From the time I’d learned to read, I’d been a mystery lover, but the mysteries I was reading back then tended to have tidy resolutions. The idea that cases in real life go unsolved, or solved but not satisfactorily, was breaking my 10-year-old brain. It breaks my almost 40-year-old brain a bit, too. You might not think that I’d then gravitate as much as I do to books that center these kinds of stories, but I do. I’m still hoping the knowledge I prayed for makes its way to me someday, but in the meantime, I enjoy spending time with stories that posit answers to unanswered questions. Here are five mysteries from as far back as Elizabethan England to the 1990s with book pairings for each.
Agatha Christie, The Original Gone Girl
I totally stole that heading from an episode of a Book Riot podcast on this very subject, it’s just too good. You may know Agatha Christie as the Queen of Crime, the groundbreaking mystery novelist behind classics like Murder on the Orient Express, The Murder of Roger Ackroyd, and And Then There Were None. But did you know that she also went missing at the height of her writing career?

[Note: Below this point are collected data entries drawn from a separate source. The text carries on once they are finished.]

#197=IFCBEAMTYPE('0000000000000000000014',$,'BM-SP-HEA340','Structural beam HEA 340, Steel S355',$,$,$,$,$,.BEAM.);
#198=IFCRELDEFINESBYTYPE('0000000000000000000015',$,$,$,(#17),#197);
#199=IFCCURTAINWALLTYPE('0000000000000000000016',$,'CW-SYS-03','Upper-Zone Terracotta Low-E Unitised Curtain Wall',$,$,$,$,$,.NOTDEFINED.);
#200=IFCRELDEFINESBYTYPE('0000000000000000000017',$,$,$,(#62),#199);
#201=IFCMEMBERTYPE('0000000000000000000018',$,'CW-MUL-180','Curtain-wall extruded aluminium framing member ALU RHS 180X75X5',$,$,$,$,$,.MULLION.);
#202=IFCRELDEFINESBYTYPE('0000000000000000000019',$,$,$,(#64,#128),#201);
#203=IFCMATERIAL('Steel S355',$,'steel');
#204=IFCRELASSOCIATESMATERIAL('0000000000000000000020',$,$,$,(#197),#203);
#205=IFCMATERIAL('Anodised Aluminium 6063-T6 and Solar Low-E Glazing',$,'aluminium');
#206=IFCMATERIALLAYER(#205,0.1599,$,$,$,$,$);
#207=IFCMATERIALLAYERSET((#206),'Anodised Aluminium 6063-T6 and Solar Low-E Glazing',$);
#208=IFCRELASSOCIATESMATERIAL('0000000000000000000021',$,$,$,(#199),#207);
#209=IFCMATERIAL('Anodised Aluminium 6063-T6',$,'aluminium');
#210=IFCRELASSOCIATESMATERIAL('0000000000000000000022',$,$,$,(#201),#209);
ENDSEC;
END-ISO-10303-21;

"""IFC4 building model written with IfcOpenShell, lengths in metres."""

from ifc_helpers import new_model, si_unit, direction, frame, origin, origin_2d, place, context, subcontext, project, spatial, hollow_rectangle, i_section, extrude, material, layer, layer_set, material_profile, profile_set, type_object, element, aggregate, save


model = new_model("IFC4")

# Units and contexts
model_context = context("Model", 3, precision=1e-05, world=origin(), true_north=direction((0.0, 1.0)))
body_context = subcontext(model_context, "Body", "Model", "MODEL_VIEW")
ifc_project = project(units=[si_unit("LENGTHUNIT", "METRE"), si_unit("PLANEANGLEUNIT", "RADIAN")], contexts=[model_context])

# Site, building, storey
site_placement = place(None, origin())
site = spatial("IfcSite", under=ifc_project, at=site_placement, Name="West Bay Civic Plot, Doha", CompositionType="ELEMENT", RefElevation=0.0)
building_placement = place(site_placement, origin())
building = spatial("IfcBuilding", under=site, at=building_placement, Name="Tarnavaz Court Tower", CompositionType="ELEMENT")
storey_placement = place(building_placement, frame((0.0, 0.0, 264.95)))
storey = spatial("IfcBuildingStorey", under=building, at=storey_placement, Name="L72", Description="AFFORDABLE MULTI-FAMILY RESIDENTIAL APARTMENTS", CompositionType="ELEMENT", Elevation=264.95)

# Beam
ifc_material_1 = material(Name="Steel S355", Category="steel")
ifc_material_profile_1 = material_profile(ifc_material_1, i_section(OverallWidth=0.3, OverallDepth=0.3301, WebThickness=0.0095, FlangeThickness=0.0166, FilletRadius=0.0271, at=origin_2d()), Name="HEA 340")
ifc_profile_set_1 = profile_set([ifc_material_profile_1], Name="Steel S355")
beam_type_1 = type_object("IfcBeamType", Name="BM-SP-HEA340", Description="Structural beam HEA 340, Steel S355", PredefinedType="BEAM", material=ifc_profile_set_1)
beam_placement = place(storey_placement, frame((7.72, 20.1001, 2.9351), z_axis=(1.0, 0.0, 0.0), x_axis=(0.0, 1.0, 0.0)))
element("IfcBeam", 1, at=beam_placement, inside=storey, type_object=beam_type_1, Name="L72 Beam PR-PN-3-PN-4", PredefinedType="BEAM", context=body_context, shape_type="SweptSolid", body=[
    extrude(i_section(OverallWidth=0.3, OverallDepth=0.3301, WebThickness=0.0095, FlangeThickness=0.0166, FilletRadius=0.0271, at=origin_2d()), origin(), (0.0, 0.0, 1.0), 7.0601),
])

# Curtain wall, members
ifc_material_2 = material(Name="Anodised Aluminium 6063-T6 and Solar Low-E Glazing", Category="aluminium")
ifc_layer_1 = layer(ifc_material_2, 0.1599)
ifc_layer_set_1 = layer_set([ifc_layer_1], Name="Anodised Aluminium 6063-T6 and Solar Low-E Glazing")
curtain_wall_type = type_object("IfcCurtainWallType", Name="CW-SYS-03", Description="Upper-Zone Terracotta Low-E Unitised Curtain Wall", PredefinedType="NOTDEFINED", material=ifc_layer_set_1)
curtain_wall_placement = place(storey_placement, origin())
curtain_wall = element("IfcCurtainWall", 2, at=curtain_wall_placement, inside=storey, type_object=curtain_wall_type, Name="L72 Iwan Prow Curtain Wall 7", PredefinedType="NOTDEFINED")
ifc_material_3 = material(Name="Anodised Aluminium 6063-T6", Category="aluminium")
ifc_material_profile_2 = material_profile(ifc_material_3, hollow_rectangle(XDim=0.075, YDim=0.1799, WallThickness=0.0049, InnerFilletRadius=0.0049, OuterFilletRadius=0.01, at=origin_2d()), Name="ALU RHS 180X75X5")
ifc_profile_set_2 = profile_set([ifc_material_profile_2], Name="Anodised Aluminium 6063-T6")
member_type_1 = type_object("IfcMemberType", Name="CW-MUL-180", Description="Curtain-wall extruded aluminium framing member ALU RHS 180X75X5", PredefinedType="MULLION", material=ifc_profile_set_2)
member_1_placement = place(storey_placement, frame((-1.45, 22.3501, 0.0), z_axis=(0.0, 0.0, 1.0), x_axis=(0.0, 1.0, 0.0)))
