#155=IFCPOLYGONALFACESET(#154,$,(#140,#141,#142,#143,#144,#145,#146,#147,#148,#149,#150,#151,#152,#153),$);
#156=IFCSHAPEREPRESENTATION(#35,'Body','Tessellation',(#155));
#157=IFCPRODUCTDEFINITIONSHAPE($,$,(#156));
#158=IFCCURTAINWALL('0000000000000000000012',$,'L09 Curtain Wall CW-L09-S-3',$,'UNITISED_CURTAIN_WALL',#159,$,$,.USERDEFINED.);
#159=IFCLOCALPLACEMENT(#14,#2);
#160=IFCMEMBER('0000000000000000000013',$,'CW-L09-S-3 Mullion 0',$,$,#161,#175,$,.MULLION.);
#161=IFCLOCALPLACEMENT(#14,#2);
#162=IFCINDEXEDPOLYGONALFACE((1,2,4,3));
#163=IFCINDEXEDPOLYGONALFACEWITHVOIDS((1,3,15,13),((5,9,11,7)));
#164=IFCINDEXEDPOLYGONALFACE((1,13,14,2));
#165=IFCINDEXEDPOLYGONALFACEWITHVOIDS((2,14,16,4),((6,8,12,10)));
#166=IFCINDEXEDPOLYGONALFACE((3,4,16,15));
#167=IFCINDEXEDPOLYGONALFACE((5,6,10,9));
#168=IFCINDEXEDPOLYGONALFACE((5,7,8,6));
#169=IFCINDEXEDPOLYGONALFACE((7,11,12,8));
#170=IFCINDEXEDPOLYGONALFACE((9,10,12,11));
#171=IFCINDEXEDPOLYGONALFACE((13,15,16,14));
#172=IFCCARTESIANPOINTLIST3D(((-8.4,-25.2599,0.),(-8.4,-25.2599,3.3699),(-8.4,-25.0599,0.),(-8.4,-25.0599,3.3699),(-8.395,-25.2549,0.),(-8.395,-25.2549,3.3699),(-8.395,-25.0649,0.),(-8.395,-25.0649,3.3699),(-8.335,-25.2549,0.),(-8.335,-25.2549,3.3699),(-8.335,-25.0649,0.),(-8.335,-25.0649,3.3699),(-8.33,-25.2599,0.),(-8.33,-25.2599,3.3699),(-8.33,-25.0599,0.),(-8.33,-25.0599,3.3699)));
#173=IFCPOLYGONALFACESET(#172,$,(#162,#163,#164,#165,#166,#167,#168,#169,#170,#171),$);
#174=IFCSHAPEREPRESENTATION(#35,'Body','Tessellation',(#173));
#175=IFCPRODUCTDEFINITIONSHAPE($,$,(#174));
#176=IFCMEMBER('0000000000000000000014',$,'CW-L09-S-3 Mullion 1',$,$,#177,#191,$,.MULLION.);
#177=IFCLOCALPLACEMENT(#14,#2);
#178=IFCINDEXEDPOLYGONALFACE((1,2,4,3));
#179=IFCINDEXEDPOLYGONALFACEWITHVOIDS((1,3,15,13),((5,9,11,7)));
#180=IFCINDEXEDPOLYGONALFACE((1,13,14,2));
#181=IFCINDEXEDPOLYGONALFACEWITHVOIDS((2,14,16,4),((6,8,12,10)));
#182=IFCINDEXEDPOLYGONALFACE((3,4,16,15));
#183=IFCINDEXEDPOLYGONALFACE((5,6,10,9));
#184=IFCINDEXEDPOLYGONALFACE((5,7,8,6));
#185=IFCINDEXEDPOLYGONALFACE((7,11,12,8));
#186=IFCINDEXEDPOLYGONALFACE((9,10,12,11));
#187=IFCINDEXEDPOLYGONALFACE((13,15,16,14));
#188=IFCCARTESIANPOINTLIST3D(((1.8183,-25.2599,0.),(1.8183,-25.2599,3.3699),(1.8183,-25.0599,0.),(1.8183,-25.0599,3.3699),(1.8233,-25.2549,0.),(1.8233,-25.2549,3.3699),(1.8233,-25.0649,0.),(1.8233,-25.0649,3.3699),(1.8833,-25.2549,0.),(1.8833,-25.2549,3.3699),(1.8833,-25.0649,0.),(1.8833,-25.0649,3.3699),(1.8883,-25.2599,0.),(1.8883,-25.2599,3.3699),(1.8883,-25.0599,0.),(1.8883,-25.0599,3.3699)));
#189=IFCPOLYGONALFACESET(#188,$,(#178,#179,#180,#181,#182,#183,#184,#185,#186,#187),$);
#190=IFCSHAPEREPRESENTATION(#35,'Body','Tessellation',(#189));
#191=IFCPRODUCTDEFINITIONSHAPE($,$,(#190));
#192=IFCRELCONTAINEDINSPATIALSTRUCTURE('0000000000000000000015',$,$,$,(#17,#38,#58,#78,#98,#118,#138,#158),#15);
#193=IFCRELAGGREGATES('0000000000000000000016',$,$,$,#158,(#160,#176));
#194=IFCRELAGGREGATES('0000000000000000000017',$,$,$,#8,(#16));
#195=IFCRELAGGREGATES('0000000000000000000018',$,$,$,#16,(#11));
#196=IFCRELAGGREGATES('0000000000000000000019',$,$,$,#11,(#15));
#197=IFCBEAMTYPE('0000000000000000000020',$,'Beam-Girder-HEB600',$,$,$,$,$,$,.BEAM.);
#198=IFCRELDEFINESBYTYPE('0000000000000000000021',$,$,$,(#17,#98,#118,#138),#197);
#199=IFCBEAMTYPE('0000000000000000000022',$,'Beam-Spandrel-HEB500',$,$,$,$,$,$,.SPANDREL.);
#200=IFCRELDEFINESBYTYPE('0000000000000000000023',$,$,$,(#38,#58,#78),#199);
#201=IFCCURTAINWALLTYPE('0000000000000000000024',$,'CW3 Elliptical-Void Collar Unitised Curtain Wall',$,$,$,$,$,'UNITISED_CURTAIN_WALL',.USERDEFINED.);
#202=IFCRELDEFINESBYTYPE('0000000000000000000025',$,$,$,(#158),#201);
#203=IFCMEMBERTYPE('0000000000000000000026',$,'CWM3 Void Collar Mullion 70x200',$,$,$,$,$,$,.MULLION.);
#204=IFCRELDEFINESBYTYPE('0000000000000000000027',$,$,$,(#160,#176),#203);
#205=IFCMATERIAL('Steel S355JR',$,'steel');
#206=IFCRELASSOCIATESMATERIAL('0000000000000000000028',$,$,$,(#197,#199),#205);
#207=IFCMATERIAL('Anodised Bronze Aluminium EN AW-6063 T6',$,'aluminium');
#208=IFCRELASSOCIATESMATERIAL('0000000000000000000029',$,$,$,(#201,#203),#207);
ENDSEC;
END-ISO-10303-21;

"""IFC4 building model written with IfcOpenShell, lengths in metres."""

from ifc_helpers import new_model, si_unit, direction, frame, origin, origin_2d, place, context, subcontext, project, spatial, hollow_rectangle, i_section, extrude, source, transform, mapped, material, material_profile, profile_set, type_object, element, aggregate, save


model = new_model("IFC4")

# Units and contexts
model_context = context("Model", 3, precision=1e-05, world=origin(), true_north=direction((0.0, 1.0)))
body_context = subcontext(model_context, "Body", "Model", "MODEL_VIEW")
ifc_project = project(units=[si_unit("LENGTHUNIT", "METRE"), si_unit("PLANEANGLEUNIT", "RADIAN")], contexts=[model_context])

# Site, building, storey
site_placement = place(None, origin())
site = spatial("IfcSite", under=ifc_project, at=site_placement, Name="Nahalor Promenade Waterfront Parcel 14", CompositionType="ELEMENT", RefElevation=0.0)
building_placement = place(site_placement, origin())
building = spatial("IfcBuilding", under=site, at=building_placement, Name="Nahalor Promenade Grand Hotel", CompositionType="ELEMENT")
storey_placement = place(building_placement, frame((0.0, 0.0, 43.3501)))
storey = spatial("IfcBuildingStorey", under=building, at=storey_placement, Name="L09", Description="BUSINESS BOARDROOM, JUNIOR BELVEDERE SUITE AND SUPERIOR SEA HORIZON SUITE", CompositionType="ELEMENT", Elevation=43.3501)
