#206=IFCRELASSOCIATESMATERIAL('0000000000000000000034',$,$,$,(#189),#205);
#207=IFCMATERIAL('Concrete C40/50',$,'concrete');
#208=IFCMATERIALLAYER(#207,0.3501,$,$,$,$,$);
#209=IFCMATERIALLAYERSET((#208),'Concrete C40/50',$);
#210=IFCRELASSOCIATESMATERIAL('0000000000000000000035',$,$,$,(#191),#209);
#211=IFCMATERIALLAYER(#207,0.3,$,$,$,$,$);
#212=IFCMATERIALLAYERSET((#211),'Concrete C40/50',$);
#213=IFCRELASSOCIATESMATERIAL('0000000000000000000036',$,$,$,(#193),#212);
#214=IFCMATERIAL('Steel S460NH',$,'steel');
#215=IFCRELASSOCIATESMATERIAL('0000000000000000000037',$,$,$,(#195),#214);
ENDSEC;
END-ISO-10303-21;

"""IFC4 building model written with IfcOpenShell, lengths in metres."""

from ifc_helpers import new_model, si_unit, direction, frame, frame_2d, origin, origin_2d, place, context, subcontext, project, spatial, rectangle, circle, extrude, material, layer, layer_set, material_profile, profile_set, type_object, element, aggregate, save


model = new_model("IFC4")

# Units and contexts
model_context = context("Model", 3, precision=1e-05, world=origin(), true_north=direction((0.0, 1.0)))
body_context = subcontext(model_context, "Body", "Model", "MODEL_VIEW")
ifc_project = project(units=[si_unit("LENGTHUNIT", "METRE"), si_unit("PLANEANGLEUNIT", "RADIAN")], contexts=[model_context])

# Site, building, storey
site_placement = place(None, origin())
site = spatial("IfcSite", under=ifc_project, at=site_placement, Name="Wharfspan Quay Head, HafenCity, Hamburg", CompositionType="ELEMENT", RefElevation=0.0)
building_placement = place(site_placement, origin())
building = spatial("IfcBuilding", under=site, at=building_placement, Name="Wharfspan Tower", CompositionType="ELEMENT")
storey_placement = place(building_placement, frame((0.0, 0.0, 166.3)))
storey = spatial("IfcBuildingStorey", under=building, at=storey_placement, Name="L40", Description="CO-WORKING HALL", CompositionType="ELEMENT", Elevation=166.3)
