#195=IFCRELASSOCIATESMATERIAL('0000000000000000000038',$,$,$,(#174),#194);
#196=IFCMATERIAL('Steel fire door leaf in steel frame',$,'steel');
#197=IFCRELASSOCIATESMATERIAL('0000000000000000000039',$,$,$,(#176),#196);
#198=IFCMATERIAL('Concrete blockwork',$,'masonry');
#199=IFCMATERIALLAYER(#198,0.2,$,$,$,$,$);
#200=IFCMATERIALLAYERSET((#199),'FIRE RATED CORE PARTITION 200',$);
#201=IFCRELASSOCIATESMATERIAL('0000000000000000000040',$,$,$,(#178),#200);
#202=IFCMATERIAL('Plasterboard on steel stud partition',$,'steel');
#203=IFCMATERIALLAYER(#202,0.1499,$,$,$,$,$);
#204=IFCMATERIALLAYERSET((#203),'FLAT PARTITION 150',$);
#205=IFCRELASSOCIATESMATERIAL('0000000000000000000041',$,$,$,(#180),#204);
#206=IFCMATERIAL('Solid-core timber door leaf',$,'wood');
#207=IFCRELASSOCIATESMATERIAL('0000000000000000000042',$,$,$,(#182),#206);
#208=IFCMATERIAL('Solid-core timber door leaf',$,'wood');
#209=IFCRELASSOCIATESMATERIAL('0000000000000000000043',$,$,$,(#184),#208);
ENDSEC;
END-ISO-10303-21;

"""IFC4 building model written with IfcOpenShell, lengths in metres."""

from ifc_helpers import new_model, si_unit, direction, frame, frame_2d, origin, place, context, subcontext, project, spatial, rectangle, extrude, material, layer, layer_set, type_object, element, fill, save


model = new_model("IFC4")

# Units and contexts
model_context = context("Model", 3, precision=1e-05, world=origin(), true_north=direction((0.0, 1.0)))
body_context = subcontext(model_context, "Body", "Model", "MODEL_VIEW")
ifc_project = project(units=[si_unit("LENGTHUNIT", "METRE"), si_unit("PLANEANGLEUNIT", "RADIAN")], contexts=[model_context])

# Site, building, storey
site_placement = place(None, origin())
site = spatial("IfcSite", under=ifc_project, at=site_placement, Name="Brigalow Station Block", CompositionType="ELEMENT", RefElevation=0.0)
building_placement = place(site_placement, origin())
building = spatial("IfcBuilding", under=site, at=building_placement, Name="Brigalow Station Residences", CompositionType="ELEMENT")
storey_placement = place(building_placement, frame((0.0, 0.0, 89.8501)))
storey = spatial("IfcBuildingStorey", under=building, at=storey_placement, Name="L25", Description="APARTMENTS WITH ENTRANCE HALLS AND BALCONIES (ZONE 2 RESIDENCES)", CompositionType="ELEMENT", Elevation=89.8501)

She left her home in December 1926 and then went missing for 11 days, prompting a nationwide manhunt for the author. She turned up later at a spa resort claiming memory loss, and the mystery of her disappearance has fascinated readers ever since.
There are several theories as to what might have actually happened, from an intentional plot to see her husband framed for her murder to an episode of mental illness brought on by the loss of her mother. The Mystery of Mrs. Christie by Marie Benedict imagines how a marriage gone sour might have triggered the event… but who is to be believed, Agatha or her husband Archie?
The comments section is moderated according to our community guidelines. Please check them out so we can maintain a safe and supportive community of readers!
Leave a comment
Join All Access to add comments.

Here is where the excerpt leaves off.